While it might have been better if Longstreet would have been closer to the head of the column, in order to be in a better position to direct the march of the I Corps -- is another question. But, the results would have been the same. Johnson would have lead the head of the I Corps column to the same rise of ground beyond Black Horse Tavern, that would be visible from the Yankee LRT signal station. Only a few extra minutes would have been saved if Longstreet had have been at the front of the line of march.

I think the point regarding JEB Stuart being unavailable for recon service was missed in earlier discussions. Certainly the entire cavalry force of Stuart would not have been sent out on a sensitive recon, where stealth was important, as was required for this mission. But, there would have been available more small squads of cavalry experienced in recon work (the same size as Johnson's party) that could have been sent out to find the best concealed route to the step-off point for the assault. This would have saved much time.

A lot can change, in the time a single scouting party takes to return to report to headquarters. If squads of Stuart's horsemen had remained out observing, the change in the dispositions of the AoP could have been reported in time to change attack plans. The report of Johnson was much too old to have been seriously regarded as still valid. Stuart's squads could have provided Lee with hourly updates of intelligence reports, that may have changed the final outcome of the battle. If Stuart had been on the battlefield, there would have been more opportunity to adapt to changing battlefield conditions.

It may never be known why Longstreet did not follow the tracks of E.P. Alexander's guns during the counter-march, however that is beyond this supporter of old Pete, ability to reason out. Would two divisions of infantry be more observable than a few battalions of artillery (the sun reflections off of thousands of musket barrels)?

Steven Cassel


From: acameron@tcac.com (Alexander Cameron
Subject: Longstreet

Steve,
The issue here is indeed why he didn't follow Alexander. That's where he lost the time. I pointed out that he was well back in the column is the context that he seems to have deferred control of the movement to Johnston. As far as ordering an "about-face", I'm not real sure where you are on that one (I'm not trying to be cute, I just don't know). Longstreet asked McLaws "is there no way to avoid it" and McLaws told him of his reconnaissance that morning. Longstreet then asked "How can we get there" and McLaws replied that they would have to countermarch. Longstreet then said, "Then all right" [McLaws, "Gettysburg", S.H.S.P, VII, p. 69].

An "about face" and a countermarch are two different things. Longstreet did comment to McLaws "...suppose you let him [Hood] countermarch first and lead in the attack" but when McLaws resisted, Longstreet agreed to let McLaws countermarch first by stating "Then go on" [McLaws, p.69]. They went back in the same order they came. Kershaw was the lead brigade initially and during the countermarch.
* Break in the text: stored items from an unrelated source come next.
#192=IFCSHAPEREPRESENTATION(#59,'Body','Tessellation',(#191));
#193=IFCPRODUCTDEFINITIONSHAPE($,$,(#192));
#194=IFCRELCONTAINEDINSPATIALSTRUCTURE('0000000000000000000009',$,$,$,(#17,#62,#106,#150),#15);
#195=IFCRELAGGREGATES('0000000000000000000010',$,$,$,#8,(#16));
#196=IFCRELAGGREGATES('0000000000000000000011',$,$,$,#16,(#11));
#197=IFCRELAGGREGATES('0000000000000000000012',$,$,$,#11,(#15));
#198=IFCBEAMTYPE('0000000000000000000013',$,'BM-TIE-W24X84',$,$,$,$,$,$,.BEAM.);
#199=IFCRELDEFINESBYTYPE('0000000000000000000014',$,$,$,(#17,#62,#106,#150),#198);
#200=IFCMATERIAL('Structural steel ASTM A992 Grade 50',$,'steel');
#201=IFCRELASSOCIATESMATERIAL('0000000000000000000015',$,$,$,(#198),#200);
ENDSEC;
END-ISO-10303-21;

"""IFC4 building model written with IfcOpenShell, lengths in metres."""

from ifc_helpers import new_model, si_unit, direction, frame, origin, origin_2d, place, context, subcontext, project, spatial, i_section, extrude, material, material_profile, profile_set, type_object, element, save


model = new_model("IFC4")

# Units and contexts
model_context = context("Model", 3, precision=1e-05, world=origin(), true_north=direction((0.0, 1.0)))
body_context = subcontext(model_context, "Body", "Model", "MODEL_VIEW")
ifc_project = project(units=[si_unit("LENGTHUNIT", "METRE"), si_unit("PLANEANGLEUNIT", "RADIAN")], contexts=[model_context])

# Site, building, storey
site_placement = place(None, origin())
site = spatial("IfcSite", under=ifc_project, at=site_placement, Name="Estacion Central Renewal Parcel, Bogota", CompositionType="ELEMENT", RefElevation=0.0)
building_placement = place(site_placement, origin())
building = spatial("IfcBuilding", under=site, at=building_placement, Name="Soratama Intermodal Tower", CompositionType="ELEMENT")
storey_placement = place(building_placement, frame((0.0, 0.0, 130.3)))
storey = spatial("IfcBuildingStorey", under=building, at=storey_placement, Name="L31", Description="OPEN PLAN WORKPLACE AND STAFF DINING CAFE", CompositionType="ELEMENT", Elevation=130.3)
I'm not sure where you are getting the "march abreast" unless you are talking about Longstreet moving Hood forward and "doubling" McLaws' column (nothing here about an "about face") after Mclaws had made contact (this is much later) because he felt it no longer made sense to worry about concealing it from the signal station. At this point, let me quote Pfanz, "This made good sense, or so it seems today, but the sophistry used in one of his [Longstreet] explanations for it does not. Longstreet stated in one account that, since Captain Johnston was ordered by General Lee to conduct the head of the column -McLaws' division - he, Longstreet, could not interfere with it; but the order did not apply to Hood's division, so he felt free to order Hood forward and did so" [Pfanz, Gettysburg: The Second Day, p. 122].

BTW, I'm a supporter of "old Pete" also, I just don't think his actions on the 2nd are above criticism.

Bill


From: dmercado@BIX.com
Date: Sun, 10 Dec 1995 19:07:05 -0500 (EST)

> BTW, I'm a supporter of "old Pete" also, I just don't think his actions >on the 2nd are above criticism.

> Bill,
I am a big fan of Gen Longstreet, but arguably his biggest mistake was to insist on waiting for his last brigade (Law's) before starting the attack.

While he waited for one brigade to come up, two full Corps came up for the federals.

-Dave


From: DPowell334@aol.com Dave,
Actually, he needed that brigade. The attack faltered for lack of support anyway, even with Law. Without him, likely the attack at Devil's Den would have been strictly a frontal assault, and much more easily repulsed.

As for fresh troops, all the Union troops that repulsed Longstreet were on the field and in place by 10:00 a.m., an hour before Lee even gave Longstreet his orders. The only deployment change after that was Sickles' advance, a movement that clearly benefited the CSA attack. It might be said that waiting for Law actually helped the attack, not hinder it.

Dave Powell


From: acameron@tcac.com (Alexander Cameron
Dave Navarre wrote:

>Had Longstreet put his foot down, (booted or not) and had his Corps do >an about-face rather than a countermarch, the Corps could have been in position >much earlier and the attack started much sooner.

Dave,
Prepare thyself, you are fixing to get an incoming round from Dave Powell about the fact that they had to be in the original order due to the fact that Longstreet was going to do an "en echelon" attack and the units needed to work in harmony.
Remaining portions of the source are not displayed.